Он произнес еще какую-то маловразумительную тираду насчет буржуáзии, пролетариев и Николашки Кровавого, только-то при котором оная буржуáзия имела право на свежий воздух. Никаких ответных аргументов, чтобы пробиться сквозь его революционную демагогию, я не имел, кроме самого последнего. Я достал из кармана золотой полуимпериал с изображением того же ненавистного революционному «придсидателю» Николашки Кровавого и несколько раз подкинул монету на ладони.
При первом подбрасывании «придсидатель» привстал и неуверенно почесал загривок.
При втором промямлил:
– Оно, конечно, надо бы и прибрать, а то и самим мочи нет…
При третьем подбрасывании случилось чудо преображения. Революционный «придсидатель» целиком оборотился в старшего дворника Макеича и заорал зычным басом, прозвучавшим для меня как музыка.
– Егорка, Мишка, Авдейка! А ну, живо сюда!
К этому моменту полуимпериал уже лежал у него в кармане.
В следующее мгновение на пороге появились те, кого он звал (один из них – тот самый любитель китайских ваз), и замерли на пороге, подобострастно глядя на своего повелителя. Да, похоже, в бытность свою старшим дворником этот Макеич крепко держал в узде дворников рангом пониже, кем явно и были прежде эти гнобители буржуáзии. У меня мелькнул в голове вопрос: как будет делиться с ними Макеич, монета же одна.

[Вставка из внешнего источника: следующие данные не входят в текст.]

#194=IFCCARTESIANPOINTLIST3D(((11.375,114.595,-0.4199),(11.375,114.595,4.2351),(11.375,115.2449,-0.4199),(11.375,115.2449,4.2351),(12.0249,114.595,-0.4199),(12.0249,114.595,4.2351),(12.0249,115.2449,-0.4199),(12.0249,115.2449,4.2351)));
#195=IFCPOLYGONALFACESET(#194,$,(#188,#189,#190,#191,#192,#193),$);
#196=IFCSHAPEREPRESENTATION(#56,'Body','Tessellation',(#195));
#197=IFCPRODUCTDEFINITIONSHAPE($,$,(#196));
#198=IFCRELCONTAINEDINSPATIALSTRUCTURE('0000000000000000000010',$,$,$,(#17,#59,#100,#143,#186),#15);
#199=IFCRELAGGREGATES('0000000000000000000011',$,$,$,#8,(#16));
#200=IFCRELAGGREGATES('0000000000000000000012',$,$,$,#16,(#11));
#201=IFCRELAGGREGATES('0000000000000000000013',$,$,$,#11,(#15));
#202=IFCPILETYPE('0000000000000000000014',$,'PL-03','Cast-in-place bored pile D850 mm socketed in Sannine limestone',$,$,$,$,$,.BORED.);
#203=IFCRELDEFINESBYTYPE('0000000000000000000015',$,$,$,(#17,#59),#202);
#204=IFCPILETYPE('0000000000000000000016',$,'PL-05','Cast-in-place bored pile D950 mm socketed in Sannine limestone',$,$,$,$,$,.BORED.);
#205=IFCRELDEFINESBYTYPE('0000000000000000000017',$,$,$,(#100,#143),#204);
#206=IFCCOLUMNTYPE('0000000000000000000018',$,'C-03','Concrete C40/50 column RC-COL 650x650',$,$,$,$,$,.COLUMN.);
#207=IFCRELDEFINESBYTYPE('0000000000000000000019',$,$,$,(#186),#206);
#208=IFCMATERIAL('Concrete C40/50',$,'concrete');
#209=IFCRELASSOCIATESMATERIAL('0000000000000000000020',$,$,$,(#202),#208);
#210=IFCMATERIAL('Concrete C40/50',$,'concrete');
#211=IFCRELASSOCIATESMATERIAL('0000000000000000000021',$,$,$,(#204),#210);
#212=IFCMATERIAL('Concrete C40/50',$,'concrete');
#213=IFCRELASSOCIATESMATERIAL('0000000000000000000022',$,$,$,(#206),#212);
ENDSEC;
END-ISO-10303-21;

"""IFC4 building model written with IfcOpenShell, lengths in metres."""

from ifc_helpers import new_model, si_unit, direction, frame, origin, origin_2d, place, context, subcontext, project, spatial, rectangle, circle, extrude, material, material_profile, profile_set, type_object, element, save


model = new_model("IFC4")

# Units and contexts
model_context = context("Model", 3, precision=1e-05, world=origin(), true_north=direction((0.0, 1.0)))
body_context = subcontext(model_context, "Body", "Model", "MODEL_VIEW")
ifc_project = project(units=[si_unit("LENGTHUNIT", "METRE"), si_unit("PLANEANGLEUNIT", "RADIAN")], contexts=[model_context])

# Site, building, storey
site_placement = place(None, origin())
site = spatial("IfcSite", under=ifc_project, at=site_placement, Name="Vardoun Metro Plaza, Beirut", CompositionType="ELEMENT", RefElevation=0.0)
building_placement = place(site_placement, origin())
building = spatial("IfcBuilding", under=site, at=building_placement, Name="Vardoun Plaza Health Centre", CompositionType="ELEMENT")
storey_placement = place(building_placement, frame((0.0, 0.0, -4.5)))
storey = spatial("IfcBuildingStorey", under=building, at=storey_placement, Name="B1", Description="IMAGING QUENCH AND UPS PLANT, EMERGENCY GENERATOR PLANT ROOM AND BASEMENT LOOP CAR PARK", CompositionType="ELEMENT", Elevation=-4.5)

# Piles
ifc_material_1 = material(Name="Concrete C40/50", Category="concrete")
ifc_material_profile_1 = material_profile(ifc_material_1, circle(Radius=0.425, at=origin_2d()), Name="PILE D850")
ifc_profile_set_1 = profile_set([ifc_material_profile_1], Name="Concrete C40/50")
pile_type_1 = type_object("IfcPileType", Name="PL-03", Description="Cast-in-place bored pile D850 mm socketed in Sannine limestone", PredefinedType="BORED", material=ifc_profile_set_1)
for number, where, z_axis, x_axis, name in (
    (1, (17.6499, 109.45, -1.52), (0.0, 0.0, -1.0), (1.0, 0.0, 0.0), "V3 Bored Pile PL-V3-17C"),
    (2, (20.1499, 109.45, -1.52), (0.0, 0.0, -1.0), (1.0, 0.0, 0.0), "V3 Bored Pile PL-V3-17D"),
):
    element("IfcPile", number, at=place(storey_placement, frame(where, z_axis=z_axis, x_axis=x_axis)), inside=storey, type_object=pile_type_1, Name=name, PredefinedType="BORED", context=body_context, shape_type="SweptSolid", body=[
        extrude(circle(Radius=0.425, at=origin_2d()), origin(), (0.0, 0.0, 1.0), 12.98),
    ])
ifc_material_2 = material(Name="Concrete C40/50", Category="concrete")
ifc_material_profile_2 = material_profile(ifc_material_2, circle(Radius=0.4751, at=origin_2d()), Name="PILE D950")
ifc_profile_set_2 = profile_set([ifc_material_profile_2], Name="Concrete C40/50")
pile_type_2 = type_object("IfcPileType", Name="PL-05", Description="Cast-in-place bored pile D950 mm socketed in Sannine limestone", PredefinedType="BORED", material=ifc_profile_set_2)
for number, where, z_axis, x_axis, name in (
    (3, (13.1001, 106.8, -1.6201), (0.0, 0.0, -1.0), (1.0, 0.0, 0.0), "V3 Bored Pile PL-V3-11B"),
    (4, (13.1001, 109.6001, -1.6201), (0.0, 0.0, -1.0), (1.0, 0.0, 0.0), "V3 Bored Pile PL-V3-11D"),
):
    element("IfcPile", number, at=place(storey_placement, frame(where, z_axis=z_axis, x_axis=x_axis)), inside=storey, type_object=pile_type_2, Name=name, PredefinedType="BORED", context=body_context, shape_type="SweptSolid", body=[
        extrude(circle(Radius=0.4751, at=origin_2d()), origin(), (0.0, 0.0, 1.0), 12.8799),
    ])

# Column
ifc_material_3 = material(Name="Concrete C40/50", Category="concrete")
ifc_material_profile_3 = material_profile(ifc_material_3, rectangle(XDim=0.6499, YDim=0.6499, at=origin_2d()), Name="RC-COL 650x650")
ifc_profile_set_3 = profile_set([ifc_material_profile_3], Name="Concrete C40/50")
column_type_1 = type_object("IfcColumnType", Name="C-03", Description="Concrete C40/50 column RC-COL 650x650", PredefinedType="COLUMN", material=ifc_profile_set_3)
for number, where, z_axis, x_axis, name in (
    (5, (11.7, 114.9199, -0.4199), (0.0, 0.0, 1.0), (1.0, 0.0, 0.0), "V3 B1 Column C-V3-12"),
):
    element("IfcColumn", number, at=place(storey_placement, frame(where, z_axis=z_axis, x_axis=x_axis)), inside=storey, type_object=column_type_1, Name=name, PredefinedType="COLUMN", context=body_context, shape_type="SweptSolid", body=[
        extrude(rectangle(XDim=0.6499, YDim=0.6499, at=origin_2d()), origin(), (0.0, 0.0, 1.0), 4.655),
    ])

Но у Макеича, привыкшего, видимо, делиться с ними лишь подзатыльниками, такой проблемы не было, он просто рыкнул на них:
– Чтоб через пять минут все было убрато, поняли, дармоеды?!

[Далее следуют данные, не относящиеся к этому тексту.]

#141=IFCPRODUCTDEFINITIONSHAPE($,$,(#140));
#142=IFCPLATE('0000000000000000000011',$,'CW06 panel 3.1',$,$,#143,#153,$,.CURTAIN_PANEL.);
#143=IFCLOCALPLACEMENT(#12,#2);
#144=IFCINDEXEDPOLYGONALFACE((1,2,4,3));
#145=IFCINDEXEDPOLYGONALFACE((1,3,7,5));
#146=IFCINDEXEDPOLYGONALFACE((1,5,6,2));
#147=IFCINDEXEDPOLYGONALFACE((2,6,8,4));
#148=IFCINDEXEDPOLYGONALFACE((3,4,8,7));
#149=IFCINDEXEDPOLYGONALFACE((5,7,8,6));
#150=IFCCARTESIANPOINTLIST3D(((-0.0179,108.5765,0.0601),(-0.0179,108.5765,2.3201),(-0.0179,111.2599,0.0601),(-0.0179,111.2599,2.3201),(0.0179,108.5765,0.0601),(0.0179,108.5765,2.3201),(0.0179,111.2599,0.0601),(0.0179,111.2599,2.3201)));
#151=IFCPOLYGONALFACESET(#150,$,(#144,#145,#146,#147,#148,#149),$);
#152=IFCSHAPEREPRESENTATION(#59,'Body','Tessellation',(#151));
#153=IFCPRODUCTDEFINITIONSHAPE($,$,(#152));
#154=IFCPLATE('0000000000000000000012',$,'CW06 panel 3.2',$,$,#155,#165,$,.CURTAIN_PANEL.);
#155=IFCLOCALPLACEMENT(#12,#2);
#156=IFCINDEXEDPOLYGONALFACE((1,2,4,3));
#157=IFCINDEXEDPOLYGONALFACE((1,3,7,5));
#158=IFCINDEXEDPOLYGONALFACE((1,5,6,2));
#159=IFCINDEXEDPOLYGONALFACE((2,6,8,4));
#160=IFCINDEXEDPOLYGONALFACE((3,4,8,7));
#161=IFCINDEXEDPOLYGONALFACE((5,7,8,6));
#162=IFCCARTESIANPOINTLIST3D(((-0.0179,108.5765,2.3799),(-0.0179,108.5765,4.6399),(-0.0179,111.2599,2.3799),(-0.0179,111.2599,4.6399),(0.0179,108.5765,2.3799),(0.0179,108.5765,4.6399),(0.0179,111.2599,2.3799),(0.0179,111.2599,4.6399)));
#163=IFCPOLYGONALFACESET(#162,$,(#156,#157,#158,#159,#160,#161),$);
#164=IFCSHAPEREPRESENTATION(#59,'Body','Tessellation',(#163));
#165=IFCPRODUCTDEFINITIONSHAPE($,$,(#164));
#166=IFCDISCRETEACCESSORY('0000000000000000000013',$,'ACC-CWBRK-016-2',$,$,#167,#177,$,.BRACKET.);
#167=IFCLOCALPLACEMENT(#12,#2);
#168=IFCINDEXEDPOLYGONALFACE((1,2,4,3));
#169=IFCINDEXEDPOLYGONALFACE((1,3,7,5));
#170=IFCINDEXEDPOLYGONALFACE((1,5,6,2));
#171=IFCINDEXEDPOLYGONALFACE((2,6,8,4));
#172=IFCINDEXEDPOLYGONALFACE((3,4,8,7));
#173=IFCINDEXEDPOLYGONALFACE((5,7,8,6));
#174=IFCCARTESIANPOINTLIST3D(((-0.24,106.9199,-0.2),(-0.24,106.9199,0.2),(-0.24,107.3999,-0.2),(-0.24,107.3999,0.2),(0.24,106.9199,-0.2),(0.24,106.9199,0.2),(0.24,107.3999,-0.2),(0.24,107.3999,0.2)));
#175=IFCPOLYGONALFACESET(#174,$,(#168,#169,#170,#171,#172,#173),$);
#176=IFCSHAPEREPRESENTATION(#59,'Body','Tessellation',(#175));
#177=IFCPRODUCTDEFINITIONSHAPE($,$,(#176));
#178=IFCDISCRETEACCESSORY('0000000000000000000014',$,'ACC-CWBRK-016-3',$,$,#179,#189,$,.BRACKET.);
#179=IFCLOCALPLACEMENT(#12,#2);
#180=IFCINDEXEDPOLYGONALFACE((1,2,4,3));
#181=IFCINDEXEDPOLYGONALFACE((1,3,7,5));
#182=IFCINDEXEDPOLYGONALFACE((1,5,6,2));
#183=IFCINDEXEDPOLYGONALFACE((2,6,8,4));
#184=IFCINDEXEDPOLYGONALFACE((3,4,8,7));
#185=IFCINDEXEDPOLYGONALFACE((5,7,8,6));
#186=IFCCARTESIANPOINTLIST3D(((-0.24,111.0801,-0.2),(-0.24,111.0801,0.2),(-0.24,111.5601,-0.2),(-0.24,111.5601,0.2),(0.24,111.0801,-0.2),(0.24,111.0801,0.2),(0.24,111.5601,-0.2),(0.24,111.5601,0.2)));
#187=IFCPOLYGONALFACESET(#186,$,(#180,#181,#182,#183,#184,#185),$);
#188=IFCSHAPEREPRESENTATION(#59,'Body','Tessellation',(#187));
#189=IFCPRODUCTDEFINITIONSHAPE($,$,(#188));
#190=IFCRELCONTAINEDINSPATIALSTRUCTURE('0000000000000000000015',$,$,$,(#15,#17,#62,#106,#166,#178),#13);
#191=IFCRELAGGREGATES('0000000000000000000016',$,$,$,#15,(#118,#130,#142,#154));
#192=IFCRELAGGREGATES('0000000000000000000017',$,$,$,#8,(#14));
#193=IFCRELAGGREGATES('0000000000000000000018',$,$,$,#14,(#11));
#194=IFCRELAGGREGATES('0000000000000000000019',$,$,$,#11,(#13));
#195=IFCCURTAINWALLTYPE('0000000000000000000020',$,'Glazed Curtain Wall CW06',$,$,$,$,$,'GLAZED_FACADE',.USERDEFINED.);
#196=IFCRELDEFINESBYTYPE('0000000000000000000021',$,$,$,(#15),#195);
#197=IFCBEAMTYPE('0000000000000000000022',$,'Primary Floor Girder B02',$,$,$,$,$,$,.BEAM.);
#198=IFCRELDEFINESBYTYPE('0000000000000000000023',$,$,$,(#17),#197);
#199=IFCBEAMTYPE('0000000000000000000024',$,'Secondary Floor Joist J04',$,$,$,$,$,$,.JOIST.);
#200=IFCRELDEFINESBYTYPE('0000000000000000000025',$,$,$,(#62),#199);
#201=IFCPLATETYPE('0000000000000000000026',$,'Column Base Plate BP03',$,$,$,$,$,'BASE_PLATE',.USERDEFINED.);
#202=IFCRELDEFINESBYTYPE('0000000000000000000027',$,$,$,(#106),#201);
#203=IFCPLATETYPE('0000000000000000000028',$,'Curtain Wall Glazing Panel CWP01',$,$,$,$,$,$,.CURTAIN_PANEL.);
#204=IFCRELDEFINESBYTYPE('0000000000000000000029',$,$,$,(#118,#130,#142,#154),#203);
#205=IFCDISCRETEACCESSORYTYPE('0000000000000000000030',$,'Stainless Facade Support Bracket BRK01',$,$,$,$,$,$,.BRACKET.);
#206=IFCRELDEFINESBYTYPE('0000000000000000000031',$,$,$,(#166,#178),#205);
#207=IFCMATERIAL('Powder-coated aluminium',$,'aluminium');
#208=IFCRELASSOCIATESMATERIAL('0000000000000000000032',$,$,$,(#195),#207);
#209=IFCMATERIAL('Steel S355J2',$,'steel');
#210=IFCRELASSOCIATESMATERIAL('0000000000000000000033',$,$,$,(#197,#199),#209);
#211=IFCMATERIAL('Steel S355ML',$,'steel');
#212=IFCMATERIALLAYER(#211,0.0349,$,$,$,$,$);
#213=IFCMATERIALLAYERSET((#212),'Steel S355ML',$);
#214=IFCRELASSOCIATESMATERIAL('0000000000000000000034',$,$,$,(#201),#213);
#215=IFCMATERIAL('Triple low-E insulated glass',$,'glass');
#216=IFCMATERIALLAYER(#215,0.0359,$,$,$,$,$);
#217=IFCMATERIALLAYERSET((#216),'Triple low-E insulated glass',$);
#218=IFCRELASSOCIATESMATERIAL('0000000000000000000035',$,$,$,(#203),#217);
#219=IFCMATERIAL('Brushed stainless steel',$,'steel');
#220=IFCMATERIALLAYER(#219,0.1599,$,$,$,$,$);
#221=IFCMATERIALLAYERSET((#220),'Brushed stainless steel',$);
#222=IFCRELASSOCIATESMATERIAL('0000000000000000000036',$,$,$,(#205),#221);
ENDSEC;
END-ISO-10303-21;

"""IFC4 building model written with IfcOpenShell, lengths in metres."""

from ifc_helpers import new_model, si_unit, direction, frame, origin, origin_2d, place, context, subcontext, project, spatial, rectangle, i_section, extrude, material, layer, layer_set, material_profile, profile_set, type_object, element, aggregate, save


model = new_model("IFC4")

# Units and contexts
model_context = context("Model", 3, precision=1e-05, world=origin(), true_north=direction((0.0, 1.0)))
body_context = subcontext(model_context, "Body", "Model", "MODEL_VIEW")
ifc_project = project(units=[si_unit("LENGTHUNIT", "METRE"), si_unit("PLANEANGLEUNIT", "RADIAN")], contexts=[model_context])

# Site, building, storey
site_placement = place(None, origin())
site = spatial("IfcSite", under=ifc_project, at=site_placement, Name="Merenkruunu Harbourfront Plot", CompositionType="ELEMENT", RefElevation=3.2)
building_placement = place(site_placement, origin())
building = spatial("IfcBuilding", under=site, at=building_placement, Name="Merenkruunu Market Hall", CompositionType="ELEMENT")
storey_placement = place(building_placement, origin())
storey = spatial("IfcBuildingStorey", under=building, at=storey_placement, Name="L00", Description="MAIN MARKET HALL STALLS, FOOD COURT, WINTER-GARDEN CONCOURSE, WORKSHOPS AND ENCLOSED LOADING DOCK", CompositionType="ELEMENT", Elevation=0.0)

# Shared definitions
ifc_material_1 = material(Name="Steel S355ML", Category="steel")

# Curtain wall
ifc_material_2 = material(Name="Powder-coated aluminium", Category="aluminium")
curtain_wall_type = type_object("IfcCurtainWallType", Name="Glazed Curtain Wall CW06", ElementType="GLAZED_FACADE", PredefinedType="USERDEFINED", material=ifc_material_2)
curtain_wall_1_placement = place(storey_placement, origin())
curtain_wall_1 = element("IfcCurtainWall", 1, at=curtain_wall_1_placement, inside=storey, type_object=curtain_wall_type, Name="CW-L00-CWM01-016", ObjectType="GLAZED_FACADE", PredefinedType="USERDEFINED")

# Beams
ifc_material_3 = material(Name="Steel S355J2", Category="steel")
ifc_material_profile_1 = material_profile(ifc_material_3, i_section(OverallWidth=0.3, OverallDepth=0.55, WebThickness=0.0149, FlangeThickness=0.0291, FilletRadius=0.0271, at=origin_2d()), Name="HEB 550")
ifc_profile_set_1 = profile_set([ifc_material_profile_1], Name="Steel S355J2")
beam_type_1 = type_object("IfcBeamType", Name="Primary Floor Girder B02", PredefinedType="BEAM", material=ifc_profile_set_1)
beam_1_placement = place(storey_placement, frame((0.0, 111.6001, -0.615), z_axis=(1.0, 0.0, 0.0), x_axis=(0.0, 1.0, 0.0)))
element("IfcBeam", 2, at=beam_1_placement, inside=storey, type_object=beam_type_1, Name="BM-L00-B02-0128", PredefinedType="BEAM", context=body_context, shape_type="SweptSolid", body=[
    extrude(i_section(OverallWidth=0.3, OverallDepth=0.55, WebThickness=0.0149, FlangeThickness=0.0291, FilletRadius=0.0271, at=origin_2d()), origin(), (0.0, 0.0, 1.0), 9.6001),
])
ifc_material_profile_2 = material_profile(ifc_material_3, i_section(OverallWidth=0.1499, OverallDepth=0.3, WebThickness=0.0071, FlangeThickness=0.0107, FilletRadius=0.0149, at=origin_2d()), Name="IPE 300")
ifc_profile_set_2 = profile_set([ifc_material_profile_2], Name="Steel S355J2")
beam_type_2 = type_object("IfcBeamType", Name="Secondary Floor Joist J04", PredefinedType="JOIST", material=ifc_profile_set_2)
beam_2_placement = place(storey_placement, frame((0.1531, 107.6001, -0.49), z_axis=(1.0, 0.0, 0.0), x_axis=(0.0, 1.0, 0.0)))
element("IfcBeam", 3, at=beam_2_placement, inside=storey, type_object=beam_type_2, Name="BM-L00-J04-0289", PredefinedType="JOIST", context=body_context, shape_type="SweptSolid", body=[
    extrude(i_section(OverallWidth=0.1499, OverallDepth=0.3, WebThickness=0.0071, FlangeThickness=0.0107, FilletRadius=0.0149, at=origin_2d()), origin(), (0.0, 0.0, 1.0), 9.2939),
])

В тех не сразу вошло осознание диалектики случившихся перемен, они все еще стояли с открытыми ртами. Тогда Макеич выругался в Бога, в душу и в мать и затем, кивнув на меня, сказал:
– Вон, сам товарищ… – Он взглянул на меня вопросительно.
– Хреномудров, – представился я.
– Да! Вон, сам даже товарищ Хреномудров уже обеспокоился!
Придуманная мною фамилия, как это не странно, произвела немалое действие.